Thanks Iowa, that's about where I am on this issue. I can't see any reason to use a neutral switching kit, unless, "somehow" the backup gen is located away from the house and has a separate ground provided. I guess that some manufacturers and installers don't mind selling and installing unneeded things.


----------



## iowagold (Jan 22, 2020)

exmar said:


> Thanks Iowa, that's about where I am on this issue. I can't see any reason to use a neutral switching kit, unless, "somehow" the backup gen is located away from the house and has a separate ground provided.
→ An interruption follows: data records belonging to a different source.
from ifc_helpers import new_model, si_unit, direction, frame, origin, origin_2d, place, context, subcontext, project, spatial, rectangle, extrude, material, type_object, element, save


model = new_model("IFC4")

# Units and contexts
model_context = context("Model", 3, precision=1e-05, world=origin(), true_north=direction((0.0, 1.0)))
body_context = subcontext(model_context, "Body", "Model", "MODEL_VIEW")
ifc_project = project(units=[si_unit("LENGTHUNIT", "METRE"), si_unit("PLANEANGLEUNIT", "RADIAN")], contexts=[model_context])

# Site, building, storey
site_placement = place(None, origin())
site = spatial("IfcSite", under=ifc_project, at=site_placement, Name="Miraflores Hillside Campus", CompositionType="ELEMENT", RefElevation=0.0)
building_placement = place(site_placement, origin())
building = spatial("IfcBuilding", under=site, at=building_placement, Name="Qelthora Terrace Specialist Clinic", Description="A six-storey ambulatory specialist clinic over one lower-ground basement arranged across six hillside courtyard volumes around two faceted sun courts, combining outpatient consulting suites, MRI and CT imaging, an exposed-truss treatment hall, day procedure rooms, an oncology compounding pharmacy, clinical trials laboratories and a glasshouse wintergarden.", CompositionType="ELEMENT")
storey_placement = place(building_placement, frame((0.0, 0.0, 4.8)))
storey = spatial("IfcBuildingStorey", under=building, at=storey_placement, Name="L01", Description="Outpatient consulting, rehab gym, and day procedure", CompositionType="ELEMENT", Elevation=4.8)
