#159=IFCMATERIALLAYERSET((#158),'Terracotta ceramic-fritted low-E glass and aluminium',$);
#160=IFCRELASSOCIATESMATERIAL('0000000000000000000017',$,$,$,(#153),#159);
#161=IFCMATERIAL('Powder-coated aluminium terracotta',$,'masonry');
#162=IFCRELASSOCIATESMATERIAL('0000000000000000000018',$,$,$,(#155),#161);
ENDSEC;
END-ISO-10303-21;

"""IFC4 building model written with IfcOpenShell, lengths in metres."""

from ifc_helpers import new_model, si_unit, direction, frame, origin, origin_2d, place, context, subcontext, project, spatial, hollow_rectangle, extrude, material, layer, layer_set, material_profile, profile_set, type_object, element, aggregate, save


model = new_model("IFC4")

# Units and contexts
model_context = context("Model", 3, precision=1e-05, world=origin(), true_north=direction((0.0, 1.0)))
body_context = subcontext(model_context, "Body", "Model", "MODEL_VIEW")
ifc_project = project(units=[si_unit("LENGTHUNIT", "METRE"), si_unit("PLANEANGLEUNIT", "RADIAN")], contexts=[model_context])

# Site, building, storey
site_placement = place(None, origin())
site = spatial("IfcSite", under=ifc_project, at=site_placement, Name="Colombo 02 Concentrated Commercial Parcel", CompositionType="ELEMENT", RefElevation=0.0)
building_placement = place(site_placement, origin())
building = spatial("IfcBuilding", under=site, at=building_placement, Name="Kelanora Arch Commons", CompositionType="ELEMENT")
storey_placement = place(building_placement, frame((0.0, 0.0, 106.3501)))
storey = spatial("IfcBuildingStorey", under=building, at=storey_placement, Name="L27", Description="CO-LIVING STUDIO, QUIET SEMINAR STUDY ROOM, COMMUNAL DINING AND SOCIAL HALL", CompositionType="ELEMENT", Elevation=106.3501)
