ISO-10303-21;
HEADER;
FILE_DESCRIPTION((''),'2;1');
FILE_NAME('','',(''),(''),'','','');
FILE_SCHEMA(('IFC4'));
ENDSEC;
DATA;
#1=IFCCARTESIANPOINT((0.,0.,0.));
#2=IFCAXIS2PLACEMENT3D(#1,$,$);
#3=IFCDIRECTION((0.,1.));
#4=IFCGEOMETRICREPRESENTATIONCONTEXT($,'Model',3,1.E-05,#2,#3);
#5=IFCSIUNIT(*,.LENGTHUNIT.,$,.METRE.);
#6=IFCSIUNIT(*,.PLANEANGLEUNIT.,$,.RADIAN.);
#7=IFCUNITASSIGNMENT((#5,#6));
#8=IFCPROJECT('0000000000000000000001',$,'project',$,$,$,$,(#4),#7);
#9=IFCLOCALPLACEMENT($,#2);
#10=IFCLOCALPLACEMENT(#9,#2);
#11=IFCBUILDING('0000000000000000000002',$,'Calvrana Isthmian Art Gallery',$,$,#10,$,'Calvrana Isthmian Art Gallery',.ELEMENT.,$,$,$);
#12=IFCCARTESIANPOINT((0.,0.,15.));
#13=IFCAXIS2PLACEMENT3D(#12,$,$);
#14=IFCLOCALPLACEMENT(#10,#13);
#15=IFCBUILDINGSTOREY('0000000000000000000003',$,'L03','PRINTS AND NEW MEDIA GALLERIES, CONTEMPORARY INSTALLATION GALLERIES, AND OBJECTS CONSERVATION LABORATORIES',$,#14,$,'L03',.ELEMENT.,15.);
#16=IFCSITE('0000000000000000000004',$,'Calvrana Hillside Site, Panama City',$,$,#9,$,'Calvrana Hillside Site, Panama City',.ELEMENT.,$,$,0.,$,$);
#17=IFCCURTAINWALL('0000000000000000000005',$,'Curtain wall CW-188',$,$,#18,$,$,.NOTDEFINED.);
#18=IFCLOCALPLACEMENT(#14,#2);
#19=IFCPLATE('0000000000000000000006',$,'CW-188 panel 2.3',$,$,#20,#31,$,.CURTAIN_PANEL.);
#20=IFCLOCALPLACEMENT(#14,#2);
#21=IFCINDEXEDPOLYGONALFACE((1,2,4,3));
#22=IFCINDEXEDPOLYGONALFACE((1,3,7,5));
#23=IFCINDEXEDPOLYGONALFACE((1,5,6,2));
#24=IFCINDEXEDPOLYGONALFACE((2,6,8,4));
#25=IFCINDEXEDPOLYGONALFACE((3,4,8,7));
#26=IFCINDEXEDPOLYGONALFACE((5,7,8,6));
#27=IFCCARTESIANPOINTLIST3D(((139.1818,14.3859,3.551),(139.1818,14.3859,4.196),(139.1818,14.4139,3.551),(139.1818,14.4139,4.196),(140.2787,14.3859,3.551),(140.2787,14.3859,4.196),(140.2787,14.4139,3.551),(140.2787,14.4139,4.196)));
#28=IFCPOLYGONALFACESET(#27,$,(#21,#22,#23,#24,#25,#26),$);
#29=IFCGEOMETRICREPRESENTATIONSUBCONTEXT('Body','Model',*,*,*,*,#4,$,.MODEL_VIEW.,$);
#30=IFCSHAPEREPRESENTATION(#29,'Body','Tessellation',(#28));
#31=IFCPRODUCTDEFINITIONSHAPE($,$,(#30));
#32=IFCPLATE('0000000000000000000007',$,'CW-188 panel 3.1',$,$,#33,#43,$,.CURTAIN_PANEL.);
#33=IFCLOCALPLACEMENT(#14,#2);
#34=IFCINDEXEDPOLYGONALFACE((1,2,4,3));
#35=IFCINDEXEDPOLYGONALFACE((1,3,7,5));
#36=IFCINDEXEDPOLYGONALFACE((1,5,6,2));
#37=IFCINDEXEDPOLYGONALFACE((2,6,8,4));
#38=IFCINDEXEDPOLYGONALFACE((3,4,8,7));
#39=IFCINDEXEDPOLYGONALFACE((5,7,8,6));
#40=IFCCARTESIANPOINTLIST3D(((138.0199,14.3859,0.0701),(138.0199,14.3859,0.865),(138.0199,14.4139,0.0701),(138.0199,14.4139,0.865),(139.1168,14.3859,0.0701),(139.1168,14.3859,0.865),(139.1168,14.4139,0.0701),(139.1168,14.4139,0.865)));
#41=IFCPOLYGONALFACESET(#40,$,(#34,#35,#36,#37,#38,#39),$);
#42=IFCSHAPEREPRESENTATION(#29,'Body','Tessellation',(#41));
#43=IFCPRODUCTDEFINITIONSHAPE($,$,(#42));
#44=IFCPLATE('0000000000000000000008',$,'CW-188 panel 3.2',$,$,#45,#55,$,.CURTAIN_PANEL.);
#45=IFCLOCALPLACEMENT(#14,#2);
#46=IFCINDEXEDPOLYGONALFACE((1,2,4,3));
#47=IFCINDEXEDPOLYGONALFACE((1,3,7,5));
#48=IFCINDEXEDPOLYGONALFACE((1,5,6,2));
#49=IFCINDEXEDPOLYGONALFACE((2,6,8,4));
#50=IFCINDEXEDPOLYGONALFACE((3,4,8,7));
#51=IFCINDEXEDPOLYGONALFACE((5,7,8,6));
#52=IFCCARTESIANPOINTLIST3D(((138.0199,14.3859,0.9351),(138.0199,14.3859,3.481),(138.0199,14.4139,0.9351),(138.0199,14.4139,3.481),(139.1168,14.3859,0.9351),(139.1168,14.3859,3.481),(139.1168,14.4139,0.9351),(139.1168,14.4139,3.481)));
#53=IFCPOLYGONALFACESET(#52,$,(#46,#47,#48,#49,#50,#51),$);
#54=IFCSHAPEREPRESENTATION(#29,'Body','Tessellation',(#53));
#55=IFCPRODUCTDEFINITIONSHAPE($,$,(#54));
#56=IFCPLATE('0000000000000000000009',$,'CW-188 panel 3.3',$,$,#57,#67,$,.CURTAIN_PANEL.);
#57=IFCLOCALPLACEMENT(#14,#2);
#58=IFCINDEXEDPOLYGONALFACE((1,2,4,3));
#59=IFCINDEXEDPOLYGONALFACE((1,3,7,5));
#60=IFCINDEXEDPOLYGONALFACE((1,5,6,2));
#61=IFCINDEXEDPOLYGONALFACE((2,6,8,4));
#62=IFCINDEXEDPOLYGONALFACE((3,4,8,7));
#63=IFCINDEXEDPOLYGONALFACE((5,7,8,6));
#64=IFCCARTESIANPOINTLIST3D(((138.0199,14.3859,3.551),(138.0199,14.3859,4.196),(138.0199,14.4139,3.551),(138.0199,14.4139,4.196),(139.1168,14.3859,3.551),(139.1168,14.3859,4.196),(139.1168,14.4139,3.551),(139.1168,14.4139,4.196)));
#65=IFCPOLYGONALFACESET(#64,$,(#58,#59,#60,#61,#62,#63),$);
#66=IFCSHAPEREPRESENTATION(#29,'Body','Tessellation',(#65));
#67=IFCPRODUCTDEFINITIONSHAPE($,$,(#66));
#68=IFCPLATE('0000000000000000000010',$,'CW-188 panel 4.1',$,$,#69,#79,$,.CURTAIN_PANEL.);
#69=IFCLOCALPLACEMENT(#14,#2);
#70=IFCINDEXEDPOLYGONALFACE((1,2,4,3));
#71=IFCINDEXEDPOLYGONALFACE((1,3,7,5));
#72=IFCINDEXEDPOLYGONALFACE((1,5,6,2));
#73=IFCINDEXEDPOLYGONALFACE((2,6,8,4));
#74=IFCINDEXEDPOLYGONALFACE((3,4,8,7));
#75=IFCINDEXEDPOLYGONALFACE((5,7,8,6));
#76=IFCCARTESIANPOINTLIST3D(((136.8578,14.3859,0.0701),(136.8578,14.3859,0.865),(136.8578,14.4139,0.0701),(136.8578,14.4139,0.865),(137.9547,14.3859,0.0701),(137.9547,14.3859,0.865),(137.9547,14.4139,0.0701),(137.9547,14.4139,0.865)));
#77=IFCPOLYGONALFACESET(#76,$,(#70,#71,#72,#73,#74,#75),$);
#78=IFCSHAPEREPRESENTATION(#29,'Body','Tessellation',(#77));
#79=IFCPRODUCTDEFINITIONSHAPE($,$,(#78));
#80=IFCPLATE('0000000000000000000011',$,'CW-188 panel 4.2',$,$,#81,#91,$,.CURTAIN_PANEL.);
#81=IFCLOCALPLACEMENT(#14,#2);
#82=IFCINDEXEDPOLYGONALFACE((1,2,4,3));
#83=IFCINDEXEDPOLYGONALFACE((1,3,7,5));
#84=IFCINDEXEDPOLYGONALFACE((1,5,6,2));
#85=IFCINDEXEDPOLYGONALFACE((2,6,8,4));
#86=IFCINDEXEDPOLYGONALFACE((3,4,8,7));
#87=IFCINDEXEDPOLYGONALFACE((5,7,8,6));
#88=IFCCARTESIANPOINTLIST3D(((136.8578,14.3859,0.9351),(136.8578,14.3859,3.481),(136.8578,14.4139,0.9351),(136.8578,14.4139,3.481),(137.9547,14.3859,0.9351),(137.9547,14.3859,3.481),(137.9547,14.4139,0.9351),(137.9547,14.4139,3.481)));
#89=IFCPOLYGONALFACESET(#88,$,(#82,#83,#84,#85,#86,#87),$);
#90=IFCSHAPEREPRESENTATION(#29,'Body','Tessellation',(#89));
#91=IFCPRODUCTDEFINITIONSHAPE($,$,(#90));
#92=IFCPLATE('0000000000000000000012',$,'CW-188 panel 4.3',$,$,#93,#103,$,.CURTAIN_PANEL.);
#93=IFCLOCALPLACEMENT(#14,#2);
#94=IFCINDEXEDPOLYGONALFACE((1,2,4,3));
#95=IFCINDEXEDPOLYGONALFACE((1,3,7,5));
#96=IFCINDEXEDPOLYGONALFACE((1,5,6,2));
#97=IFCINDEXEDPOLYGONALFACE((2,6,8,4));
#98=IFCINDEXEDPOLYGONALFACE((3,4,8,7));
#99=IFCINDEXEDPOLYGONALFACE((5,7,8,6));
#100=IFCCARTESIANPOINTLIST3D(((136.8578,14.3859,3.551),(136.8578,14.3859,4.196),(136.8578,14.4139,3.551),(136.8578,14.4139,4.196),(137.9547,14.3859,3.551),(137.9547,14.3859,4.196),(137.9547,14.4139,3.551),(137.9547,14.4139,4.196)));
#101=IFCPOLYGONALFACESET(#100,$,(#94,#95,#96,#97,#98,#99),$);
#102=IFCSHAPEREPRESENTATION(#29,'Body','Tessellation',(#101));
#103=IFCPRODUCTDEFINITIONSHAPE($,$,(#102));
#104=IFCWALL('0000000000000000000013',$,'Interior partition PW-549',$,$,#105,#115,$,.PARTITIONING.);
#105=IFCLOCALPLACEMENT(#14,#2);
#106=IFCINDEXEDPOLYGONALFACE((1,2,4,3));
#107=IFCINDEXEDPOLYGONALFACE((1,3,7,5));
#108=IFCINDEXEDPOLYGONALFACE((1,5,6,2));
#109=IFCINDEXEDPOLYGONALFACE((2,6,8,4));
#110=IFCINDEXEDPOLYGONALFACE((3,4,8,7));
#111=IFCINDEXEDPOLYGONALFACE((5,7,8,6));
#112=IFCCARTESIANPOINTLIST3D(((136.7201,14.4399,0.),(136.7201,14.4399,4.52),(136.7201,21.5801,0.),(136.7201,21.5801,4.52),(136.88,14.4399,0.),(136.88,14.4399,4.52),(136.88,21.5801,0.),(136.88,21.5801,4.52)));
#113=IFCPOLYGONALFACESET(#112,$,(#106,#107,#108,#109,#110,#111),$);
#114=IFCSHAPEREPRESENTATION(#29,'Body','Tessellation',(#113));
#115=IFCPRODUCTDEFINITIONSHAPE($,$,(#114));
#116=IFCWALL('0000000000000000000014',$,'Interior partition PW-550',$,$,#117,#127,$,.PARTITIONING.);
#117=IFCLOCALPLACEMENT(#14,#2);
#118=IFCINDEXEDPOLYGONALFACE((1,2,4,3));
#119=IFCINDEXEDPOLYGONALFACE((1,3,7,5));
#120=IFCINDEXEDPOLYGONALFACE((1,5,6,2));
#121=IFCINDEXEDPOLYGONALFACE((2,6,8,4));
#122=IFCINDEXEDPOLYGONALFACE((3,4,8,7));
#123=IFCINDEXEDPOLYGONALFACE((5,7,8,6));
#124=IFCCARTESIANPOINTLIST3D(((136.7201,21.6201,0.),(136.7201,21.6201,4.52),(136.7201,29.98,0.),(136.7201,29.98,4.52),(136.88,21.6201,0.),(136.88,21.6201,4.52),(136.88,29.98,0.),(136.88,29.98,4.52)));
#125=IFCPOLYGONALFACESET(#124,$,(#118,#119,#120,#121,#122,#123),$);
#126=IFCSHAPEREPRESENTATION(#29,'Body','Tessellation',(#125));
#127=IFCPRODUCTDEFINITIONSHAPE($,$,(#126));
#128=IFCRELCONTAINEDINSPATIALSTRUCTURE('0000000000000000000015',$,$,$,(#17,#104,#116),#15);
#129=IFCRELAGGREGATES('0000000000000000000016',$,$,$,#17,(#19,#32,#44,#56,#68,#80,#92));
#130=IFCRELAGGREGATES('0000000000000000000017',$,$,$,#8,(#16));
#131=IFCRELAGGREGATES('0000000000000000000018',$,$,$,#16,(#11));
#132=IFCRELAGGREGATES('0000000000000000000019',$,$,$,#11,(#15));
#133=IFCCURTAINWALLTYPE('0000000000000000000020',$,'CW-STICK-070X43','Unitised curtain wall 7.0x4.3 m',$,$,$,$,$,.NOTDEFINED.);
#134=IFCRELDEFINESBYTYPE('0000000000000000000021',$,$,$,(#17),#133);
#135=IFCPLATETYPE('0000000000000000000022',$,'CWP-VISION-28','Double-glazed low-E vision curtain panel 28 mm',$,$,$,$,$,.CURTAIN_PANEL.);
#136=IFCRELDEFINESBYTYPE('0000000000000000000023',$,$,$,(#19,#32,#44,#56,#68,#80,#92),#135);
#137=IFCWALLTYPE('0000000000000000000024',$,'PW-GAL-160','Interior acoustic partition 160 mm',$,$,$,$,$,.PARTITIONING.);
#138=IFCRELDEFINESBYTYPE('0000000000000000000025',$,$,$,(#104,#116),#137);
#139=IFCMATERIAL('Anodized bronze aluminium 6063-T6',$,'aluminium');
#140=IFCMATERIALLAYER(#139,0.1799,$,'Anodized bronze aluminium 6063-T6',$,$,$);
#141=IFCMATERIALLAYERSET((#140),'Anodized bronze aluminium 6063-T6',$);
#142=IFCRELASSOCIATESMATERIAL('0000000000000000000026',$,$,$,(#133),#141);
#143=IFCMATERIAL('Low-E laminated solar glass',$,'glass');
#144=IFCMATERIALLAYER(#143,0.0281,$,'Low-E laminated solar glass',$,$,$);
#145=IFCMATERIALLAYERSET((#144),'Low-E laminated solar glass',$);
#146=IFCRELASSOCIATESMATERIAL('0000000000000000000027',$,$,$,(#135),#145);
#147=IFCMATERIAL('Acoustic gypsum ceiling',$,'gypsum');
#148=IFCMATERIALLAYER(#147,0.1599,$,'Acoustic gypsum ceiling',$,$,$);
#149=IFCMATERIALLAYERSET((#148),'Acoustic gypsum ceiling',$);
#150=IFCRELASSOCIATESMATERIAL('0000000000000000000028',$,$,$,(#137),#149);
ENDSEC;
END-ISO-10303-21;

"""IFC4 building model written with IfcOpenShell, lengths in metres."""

from ifc_helpers import new_model, si_unit, direction, frame, frame_2d, origin, origin_2d, place, context, subcontext, project, spatial, rectangle, extrude, material, layer, layer_set, type_object, element, aggregate, save


model = new_model("IFC4")

# Units and contexts
model_context = context("Model", 3, precision=1e-05, world=origin(), true_north=direction((0.0, 1.0)))
body_context = subcontext(model_context, "Body", "Model", "MODEL_VIEW")
ifc_project = project(units=[si_unit("LENGTHUNIT", "METRE"), si_unit("PLANEANGLEUNIT", "RADIAN")], contexts=[model_context])

# Site, building, storey
site_placement = place(None, origin())
site = spatial("IfcSite", under=ifc_project, at=site_placement, Name="Calvrana Hillside Site, Panama City", LongName="Calvrana Hillside Site, Panama City", CompositionType="ELEMENT", RefElevation=0.0)
building_placement = place(site_placement, origin())
building = spatial("IfcBuilding", under=site, at=building_placement, Name="Calvrana Isthmian Art Gallery", LongName="Calvrana Isthmian Art Gallery", CompositionType="ELEMENT")
storey_placement = place(building_placement, frame((0.0, 0.0, 15.0)))
storey = spatial("IfcBuildingStorey", under=building, at=storey_placement, Name="L03", Description="PRINTS AND NEW MEDIA GALLERIES, CONTEMPORARY INSTALLATION GALLERIES, AND OBJECTS CONSERVATION LABORATORIES", LongName="L03", CompositionType="ELEMENT", Elevation=15.0)

# Curtain wall, plates
ifc_material_1 = material(Name="Anodized bronze aluminium 6063-T6", Category="aluminium")
ifc_layer_1 = layer(ifc_material_1, 0.1799, Name="Anodized bronze aluminium 6063-T6")
ifc_layer_set_1 = layer_set([ifc_layer_1], Name="Anodized bronze aluminium 6063-T6")
curtain_wall_type = type_object("IfcCurtainWallType", Name="CW-STICK-070X43", Description="Unitised curtain wall 7.0x4.3 m", PredefinedType="NOTDEFINED", material=ifc_layer_set_1)
curtain_wall_placement = place(storey_placement, origin())
curtain_wall = element("IfcCurtainWall", 1, at=curtain_wall_placement, inside=storey, type_object=curtain_wall_type, Name="Curtain wall CW-188", PredefinedType="NOTDEFINED")
ifc_material_2 = material(Name="Low-E laminated solar glass", Category="glass")
ifc_layer_2 = layer(ifc_material_2, 0.0281, Name="Low-E laminated solar glass")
I guess that some manufacturers and installers don't mind selling and installing unneeded things.


yea... there is always another gimmick some where lol.
just wire it safe.. period. and over kill is a good thing. leave at least 50% room for more power.
pricy, but safe. why take a chance of things going wrong.

now I can see if there is something heating up in a system taking a look..
but that is what the thermal camera is for.
we run in to all kinds of ground loop issues in the industrial equipment...
but that is in mfg plants that are on several acres of ground.. 
for data we use optical isolators or fiber optical lan gear for Lab view and valve controls.
as well as cctv camera systems..
in a lot of those plants due to the use of inverter motor drive units we cannot use WIFI in those plants..
just in the control or mcc rooms and the out of the plant meeting rooms..

the thing we run in to is when doing a "shut down planned repair event" 
is isolation from our gen sets to the building equipment...
the new requirement is the gfci with arc fault when using an gen set in these plants for year 2020.
it helps with shock hazard during a rain or snow event.
that is why the statement of "it is all about reference" you are only in trouble when you are referenced to ground for electric shock.
watch the videos of the guy's repairing the 200+kv powerlines via helicopter.
that will give you the shakes for sure.
a few hundred feet in the air, on a skinny wire, on a cart.
they are NUTZ for sure.. lol.
but back in the day I did tower repair when I was young..
free climb stuff.. GOOD MONEY in that!
but super high risk field of work.

we always treat every piece of equipment as a "hot chassis" when walking up to it.
always check with a proper meter with the safety gear on. high voltage gloves and hot stick meter when working on the super high voltage stuff.

oh yea when working on any electrical stuff use a high voltage rated fiberglass ladder just to be safe..
no aluminum, and try not to use wood.
safety first!
stay safe out there!


----------